Food News

The Dirtiest Thing on a Restaurant Table Is Not What You Think

Image Credit: facebook | Kitchn

When you head to a restaurant this time of year, you're probably in search of a nice meal, a pleasant evening, and maybe a festive cocktail or two. You're probably not heading out in search of a cold to catch. But it's the season of germs everywhere, and ABC News set out to find where those germs lurk in restaurants around the country — and it may make you rethink using the salt and pepper shaker.

The reporters teamed up with researchers from the University of Arizona to swab the tabletop items at restaurants in New York, Ohio, and Arizona, analyzing each of them for total bacteria counts and coliforms. Because this is a food site, we won't get into details on what coliforms are, but they're gross and these are the kinds of germs that will get you far more sick than a mere cold.

Read more: Dining Out? Do You Know Which Restaurant Tabletop Item Is Germier Than a Toilet Seat?

Of all the items on the table, the sugar had the lowest average count, with only 2,300 bacteria. Dr. Chuck Gerba, one of the investigators, surmised that was because it's handled the least. So, what's handled the most? Well, the pepper fell second-highest in the bacteria count, with almost 11,600 organisms. "Bacteria like pepper," Gerba says. So not only is it already a happy home for the bacteria, it's something that you're shaking directly on the food. Lovely!

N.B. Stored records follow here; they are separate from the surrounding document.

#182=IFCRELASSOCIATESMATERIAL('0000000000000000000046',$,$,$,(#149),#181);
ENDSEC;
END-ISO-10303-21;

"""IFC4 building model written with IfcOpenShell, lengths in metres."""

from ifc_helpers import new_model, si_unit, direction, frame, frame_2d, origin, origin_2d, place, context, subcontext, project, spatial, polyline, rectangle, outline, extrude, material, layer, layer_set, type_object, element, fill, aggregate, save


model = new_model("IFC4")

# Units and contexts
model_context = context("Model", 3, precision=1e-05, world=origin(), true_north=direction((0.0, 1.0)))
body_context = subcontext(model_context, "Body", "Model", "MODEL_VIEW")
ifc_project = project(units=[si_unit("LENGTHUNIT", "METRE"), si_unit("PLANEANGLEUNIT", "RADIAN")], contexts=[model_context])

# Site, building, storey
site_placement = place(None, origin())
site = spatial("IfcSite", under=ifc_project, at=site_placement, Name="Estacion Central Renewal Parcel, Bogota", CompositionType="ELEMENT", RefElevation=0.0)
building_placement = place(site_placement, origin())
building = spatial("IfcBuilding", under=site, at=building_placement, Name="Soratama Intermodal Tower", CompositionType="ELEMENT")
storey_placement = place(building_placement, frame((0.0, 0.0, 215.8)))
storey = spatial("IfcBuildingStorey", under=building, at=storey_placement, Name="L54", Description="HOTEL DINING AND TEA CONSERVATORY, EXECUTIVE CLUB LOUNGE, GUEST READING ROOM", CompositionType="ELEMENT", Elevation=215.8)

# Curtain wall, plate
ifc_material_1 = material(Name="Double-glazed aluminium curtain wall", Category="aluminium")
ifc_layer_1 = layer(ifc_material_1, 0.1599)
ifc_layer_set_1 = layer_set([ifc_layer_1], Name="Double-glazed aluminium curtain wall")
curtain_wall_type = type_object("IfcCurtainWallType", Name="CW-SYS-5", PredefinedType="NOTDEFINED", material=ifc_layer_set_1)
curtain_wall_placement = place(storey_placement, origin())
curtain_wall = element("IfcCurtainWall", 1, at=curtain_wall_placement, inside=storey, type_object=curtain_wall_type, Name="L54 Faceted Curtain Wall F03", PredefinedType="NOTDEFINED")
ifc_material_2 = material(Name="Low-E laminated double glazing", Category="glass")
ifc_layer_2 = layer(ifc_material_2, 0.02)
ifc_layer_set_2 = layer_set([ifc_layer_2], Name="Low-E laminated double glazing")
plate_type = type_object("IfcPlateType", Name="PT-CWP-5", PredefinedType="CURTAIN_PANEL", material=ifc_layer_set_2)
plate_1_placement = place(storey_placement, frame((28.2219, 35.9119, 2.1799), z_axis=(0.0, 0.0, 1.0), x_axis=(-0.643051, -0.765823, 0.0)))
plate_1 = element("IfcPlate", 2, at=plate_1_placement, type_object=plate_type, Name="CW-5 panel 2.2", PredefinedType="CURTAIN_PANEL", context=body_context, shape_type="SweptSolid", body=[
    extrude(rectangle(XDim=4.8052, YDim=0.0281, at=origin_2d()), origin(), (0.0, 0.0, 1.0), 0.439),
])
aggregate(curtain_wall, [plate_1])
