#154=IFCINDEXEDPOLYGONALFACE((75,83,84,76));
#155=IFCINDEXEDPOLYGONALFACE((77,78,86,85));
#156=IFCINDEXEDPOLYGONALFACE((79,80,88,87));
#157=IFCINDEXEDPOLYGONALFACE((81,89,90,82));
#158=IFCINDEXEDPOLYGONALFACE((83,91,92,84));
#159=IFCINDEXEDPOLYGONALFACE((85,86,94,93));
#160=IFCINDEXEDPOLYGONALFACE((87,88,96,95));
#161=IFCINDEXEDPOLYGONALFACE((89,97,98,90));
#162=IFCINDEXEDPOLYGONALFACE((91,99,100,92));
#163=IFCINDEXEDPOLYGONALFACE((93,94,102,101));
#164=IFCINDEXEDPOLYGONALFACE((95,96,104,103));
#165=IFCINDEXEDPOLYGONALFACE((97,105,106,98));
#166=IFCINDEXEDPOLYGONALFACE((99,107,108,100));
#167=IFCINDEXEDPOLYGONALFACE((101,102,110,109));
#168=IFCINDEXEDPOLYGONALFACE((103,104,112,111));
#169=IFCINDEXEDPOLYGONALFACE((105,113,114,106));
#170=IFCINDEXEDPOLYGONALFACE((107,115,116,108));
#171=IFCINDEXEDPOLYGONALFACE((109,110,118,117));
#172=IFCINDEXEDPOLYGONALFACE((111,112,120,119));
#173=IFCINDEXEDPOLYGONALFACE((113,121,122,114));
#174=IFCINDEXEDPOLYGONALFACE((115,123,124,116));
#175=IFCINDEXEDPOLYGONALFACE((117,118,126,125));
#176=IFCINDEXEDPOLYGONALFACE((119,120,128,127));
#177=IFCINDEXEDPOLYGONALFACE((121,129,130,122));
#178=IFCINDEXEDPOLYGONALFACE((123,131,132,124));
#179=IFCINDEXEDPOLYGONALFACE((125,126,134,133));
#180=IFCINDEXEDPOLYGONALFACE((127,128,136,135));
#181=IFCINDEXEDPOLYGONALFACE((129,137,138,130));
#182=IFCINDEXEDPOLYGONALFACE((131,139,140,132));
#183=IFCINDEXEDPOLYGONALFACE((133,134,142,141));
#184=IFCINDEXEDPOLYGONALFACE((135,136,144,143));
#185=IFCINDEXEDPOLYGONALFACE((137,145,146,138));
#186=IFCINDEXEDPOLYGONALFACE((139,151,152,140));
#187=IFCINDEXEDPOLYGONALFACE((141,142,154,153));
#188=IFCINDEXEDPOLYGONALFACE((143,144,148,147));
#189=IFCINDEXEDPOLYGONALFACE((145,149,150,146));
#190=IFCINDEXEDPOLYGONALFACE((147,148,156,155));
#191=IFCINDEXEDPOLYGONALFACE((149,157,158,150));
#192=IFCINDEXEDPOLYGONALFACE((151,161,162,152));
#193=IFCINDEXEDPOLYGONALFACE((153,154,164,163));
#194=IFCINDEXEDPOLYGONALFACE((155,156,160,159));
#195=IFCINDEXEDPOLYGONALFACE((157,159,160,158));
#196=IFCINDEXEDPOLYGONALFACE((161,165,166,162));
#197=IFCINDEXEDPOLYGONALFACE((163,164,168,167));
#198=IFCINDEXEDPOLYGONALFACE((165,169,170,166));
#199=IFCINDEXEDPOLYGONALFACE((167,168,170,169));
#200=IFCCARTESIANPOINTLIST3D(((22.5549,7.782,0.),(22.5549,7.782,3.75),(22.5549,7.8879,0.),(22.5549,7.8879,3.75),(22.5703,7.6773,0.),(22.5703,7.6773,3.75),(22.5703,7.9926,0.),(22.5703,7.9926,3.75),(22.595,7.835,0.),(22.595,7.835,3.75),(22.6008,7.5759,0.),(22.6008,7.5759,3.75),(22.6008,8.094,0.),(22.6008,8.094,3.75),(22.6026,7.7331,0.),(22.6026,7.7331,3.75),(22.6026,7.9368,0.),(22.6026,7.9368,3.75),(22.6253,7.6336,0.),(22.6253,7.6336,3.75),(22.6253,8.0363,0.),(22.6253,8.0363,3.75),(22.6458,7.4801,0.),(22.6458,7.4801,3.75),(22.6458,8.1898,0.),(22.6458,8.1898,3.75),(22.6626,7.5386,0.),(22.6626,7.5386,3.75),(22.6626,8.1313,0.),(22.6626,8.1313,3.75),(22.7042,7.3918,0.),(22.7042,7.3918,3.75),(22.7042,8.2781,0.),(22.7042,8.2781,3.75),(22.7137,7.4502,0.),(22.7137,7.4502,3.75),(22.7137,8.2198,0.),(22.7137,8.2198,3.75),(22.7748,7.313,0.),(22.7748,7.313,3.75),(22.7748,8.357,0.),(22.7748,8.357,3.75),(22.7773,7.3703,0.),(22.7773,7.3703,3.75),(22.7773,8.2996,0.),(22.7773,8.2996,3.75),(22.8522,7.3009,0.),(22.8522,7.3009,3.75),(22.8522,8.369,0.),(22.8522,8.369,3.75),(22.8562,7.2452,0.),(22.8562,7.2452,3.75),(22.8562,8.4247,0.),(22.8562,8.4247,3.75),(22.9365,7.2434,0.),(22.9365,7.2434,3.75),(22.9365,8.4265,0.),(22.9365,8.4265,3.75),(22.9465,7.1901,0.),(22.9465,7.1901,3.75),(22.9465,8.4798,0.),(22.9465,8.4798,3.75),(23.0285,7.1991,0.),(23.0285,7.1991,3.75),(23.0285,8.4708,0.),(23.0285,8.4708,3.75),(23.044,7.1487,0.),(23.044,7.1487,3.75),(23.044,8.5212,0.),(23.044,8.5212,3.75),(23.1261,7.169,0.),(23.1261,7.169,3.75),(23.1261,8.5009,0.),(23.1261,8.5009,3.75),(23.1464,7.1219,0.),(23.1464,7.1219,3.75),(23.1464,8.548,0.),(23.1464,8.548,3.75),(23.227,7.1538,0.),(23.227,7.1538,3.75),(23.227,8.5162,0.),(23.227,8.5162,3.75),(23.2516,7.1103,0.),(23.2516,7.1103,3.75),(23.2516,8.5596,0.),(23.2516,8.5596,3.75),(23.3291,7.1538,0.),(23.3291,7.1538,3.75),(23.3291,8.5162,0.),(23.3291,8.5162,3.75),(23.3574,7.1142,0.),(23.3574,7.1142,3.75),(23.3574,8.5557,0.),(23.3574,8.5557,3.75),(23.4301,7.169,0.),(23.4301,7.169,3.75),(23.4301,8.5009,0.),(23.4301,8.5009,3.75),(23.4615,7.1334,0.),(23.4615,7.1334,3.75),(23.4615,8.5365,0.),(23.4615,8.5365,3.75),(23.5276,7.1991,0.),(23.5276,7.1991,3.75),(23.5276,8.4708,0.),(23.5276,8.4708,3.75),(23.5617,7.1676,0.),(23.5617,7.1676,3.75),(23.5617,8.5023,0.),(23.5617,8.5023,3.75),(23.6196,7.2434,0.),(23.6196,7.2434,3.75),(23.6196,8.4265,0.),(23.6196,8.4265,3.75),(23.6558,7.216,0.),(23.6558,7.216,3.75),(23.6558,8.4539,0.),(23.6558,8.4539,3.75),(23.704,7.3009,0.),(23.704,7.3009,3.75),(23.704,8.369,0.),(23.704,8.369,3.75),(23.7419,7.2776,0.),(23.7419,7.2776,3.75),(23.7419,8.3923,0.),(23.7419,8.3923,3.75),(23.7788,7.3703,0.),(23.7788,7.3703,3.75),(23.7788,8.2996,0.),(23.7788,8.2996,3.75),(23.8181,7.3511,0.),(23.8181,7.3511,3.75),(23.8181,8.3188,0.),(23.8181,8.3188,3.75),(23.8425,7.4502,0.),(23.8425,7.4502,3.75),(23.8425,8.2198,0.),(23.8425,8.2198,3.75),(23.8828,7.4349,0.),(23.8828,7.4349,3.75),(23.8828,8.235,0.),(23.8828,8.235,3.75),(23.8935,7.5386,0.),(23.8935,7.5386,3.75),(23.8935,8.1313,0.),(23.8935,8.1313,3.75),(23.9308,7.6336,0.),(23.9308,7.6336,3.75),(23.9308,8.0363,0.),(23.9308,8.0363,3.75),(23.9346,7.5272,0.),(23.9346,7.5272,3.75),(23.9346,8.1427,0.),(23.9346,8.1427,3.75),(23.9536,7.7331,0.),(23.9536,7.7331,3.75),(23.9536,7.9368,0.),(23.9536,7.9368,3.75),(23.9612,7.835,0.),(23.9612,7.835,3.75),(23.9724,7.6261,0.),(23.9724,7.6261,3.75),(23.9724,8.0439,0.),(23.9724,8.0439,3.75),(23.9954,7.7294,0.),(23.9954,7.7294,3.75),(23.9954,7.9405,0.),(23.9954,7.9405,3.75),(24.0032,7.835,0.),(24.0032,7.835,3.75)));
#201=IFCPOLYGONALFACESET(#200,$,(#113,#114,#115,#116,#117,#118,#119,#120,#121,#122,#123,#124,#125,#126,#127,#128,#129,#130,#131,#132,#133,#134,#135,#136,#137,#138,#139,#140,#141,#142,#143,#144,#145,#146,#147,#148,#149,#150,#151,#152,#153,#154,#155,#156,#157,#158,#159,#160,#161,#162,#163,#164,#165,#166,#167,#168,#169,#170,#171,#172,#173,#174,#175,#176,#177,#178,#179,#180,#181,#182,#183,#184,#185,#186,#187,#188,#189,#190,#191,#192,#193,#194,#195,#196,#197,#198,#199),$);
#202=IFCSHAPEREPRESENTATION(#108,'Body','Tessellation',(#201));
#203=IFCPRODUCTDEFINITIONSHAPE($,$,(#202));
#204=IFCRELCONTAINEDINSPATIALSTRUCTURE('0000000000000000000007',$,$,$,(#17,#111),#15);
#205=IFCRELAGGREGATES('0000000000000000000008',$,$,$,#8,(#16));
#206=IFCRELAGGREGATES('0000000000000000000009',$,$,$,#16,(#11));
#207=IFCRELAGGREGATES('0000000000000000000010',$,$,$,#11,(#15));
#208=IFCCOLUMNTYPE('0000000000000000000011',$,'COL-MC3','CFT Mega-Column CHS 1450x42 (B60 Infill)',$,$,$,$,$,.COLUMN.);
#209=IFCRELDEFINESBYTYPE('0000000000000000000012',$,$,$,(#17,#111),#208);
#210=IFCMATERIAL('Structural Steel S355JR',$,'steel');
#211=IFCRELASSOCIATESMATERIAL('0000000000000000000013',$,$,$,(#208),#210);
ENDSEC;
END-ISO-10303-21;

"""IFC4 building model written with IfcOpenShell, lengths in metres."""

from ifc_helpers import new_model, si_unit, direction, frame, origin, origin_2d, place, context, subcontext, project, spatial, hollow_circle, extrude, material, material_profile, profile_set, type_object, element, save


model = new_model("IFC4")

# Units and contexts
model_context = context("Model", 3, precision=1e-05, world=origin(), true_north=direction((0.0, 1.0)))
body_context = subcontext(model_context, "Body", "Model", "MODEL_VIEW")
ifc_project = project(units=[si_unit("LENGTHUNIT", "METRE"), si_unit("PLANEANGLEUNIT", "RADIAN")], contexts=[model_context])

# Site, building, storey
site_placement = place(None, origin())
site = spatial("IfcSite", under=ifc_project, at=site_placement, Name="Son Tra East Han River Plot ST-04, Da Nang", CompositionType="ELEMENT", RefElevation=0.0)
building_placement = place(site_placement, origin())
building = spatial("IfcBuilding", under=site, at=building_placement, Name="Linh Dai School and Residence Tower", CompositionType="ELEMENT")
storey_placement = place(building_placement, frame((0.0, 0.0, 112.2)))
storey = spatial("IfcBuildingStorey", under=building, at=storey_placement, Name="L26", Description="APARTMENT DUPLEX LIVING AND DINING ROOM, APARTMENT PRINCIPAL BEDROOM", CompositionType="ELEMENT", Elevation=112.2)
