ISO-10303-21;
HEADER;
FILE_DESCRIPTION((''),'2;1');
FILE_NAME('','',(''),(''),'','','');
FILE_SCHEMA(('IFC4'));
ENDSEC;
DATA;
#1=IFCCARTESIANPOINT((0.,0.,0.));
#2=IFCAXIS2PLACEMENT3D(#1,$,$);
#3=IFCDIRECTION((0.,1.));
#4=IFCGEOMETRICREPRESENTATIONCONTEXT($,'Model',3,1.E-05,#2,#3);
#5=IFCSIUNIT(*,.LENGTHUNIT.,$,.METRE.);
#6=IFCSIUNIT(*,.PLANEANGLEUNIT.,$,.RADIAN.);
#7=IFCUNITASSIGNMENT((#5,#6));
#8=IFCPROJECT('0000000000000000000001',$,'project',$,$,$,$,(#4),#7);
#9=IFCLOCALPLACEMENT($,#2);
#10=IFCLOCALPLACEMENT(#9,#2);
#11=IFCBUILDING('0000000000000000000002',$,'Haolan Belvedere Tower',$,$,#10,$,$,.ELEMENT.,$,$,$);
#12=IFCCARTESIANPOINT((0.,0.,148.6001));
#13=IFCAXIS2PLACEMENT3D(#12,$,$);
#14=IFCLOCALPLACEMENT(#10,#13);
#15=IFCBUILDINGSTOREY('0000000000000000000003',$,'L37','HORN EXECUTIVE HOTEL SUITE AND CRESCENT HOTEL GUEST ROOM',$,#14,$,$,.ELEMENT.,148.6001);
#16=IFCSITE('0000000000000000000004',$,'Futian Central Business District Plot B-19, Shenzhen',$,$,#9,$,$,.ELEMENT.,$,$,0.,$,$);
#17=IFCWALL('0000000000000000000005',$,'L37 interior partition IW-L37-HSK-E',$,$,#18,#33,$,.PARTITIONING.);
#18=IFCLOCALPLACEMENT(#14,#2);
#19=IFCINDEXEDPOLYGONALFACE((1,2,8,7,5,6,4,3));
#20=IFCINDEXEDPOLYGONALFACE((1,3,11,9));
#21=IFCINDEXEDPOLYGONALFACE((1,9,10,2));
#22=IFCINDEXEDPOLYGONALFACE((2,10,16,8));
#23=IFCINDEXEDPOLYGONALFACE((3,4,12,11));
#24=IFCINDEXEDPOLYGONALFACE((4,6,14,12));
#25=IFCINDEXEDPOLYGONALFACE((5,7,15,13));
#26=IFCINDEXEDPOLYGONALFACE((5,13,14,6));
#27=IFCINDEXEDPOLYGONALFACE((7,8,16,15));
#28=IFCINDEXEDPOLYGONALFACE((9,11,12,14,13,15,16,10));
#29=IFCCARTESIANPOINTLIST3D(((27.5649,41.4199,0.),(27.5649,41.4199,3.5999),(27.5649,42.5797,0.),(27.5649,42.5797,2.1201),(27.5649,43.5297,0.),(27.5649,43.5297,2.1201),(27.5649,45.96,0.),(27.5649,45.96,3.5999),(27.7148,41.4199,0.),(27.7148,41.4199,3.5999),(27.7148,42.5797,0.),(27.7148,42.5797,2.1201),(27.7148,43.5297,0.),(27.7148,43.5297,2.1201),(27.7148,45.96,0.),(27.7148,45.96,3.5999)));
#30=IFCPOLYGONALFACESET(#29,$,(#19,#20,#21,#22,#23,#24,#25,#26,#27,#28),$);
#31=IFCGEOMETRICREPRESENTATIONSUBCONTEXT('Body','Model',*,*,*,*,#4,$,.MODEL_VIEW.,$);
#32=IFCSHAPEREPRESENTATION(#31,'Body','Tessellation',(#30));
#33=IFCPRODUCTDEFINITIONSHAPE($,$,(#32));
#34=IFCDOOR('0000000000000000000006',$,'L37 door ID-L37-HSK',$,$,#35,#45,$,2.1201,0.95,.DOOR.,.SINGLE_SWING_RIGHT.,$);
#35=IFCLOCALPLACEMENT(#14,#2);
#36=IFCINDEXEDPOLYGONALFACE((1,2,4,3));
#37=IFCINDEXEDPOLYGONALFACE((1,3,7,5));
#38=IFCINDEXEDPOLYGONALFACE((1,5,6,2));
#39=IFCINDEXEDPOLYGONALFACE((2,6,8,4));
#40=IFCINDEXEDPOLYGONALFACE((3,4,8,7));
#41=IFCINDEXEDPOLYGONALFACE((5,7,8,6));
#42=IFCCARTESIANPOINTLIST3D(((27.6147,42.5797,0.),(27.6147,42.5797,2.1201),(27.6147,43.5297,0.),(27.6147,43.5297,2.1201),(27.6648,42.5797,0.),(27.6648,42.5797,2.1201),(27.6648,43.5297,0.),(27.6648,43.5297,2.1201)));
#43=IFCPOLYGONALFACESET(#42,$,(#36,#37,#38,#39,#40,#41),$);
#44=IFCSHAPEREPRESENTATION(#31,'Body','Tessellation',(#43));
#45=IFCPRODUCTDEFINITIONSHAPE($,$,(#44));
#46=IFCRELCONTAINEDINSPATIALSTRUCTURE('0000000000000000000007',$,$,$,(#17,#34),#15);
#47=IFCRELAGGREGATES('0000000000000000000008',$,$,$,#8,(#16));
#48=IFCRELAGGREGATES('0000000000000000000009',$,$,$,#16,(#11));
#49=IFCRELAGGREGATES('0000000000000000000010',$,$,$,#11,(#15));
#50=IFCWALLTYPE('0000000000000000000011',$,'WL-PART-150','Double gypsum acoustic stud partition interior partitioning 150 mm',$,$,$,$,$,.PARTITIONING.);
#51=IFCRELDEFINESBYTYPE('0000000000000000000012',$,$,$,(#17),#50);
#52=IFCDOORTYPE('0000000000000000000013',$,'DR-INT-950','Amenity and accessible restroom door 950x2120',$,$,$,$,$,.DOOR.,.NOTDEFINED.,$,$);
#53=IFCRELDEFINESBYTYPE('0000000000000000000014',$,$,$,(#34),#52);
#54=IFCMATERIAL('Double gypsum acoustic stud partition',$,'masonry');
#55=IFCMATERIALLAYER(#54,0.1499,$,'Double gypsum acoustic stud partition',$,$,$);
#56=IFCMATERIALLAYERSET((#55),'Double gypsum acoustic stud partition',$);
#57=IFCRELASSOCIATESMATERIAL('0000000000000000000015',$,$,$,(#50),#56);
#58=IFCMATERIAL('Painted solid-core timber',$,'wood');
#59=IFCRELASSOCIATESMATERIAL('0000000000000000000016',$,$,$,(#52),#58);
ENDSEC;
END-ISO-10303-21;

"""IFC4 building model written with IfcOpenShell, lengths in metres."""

from ifc_helpers import new_model, si_unit, direction, frame, frame_2d, origin, place, context, subcontext, project, spatial, rectangle, extrude, material, layer, layer_set, type_object, element, fill, save


model = new_model("IFC4")

# Units and contexts
model_context = context("Model", 3, precision=1e-05, world=origin(), true_north=direction((0.0, 1.0)))
body_context = subcontext(model_context, "Body", "Model", "MODEL_VIEW")
ifc_project = project(units=[si_unit("LENGTHUNIT", "METRE"), si_unit("PLANEANGLEUNIT", "RADIAN")], contexts=[model_context])

# Site, building, storey
site_placement = place(None, origin())
site = spatial("IfcSite", under=ifc_project, at=site_placement, Name="Futian Central Business District Plot B-19, Shenzhen", CompositionType="ELEMENT", RefElevation=0.0)
building_placement = place(site_placement, origin())
building = spatial("IfcBuilding", under=site, at=building_placement, Name="Haolan Belvedere Tower", CompositionType="ELEMENT")
storey_placement = place(building_placement, frame((0.0, 0.0, 148.6001)))
storey = spatial("IfcBuildingStorey", under=building, at=storey_placement, Name="L37", Description="HORN EXECUTIVE HOTEL SUITE AND CRESCENT HOTEL GUEST ROOM", CompositionType="ELEMENT", Elevation=148.6001)

# Shared definitions
ifc_material_1 = material(Name="Double gypsum acoustic stud partition", Category="masonry")
ifc_layer_1 = layer(ifc_material_1, 0.1499, Name="Double gypsum acoustic stud partition")
ifc_layer_set_1 = layer_set([ifc_layer_1], Name="Double gypsum acoustic stud partition")
wall_type_1 = type_object("IfcWallType", Name="WL-PART-150", Description="Double gypsum acoustic stud partition interior partitioning 150 mm", PredefinedType="PARTITIONING", material=ifc_layer_set_1)

# Wall, opening, door
wall_1_placement = place(storey_placement, frame((27.6399, 41.4199, 0.0), z_axis=(0.0, 0.0, 1.0), x_axis=(0.0, 1.0, 0.0)))
wall_1 = element("IfcWall", 1, at=wall_1_placement, inside=storey, type_object=wall_type_1, Name="L37 interior partition IW-L37-HSK-E", PredefinedType="PARTITIONING", context=body_context, shape_type="SweptSolid", body=[
    extrude(rectangle(XDim=4.54, YDim=0.1499, at=frame_2d((2.27, 0.0))), origin(), (0.0, 0.0, 1.0), 3.5999),
])
opening_1_placement = place(wall_1_placement, frame((2.1099, 0.0, 0.0), z_axis=(0.0, 0.0, 1.0), x_axis=(-1.0, 0.0, 0.0)))
opening_1 = element("IfcOpeningElement", 2, at=opening_1_placement, cuts=wall_1, PredefinedType="OPENING", context=body_context, shape_type="SweptSolid", body=[
    extrude(rectangle(XDim=0.95, YDim=2.1201, at=frame_2d((0.4751, 1.0601))), frame((0.0, 0.085, 0.0), z_axis=(0.0, -1.0, 0.0), x_axis=(1.0, 0.0, 0.0)), (0.0, 0.0, 1.0), 0.1699),
])
ifc_material_2 = material(Name="Painted solid-core timber", Category="wood")
door_type_1 = type_object("IfcDoorType", Name="DR-INT-950", Description="Amenity and accessible restroom door 950x2120", OperationType="NOTDEFINED", PredefinedType="DOOR", material=ifc_material_2)
door_1_placement = place(opening_1_placement, origin())
door_1 = element("IfcDoor", 3, at=door_1_placement, inside=storey, type_object=door_type_1, Name="L37 door ID-L37-HSK", OperationType="SINGLE_SWING_RIGHT", OverallHeight=2.1201, OverallWidth=0.95, PredefinedType="DOOR", context=body_context, shape_type="SweptSolid", body=[
    extrude(rectangle(XDim=0.95, YDim=2.1201, at=frame_2d((0.4751, 1.0601))), frame((0.0, 0.0249, 0.0), z_axis=(0.0, -1.0, 0.0), x_axis=(1.0, 0.0, 0.0)), (0.0, 0.0, 1.0), 0.05),
])
fill(opening_1, door_1)

save(model, "model.ifc")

The only thing that ranked higher than the pepper shakers was the menu, coming in with a walloping 185,000 bacteria. "You probably have about 100 times more bacteria on that menu than you do a typical toilet seat in the restroom," Gerba told ABC. Think carefully about that the next time you feel something a little sticky on your menu.

If you're totally grossed out now and swearing off restaurants, slow your roll just a touch: most of the bacteria they found weren't harmful, and probably the ones that would just give you a respiratory infection. That said, you might consider washing your hands between ordering and eating — and rethinking just how badly your food needs seasoning.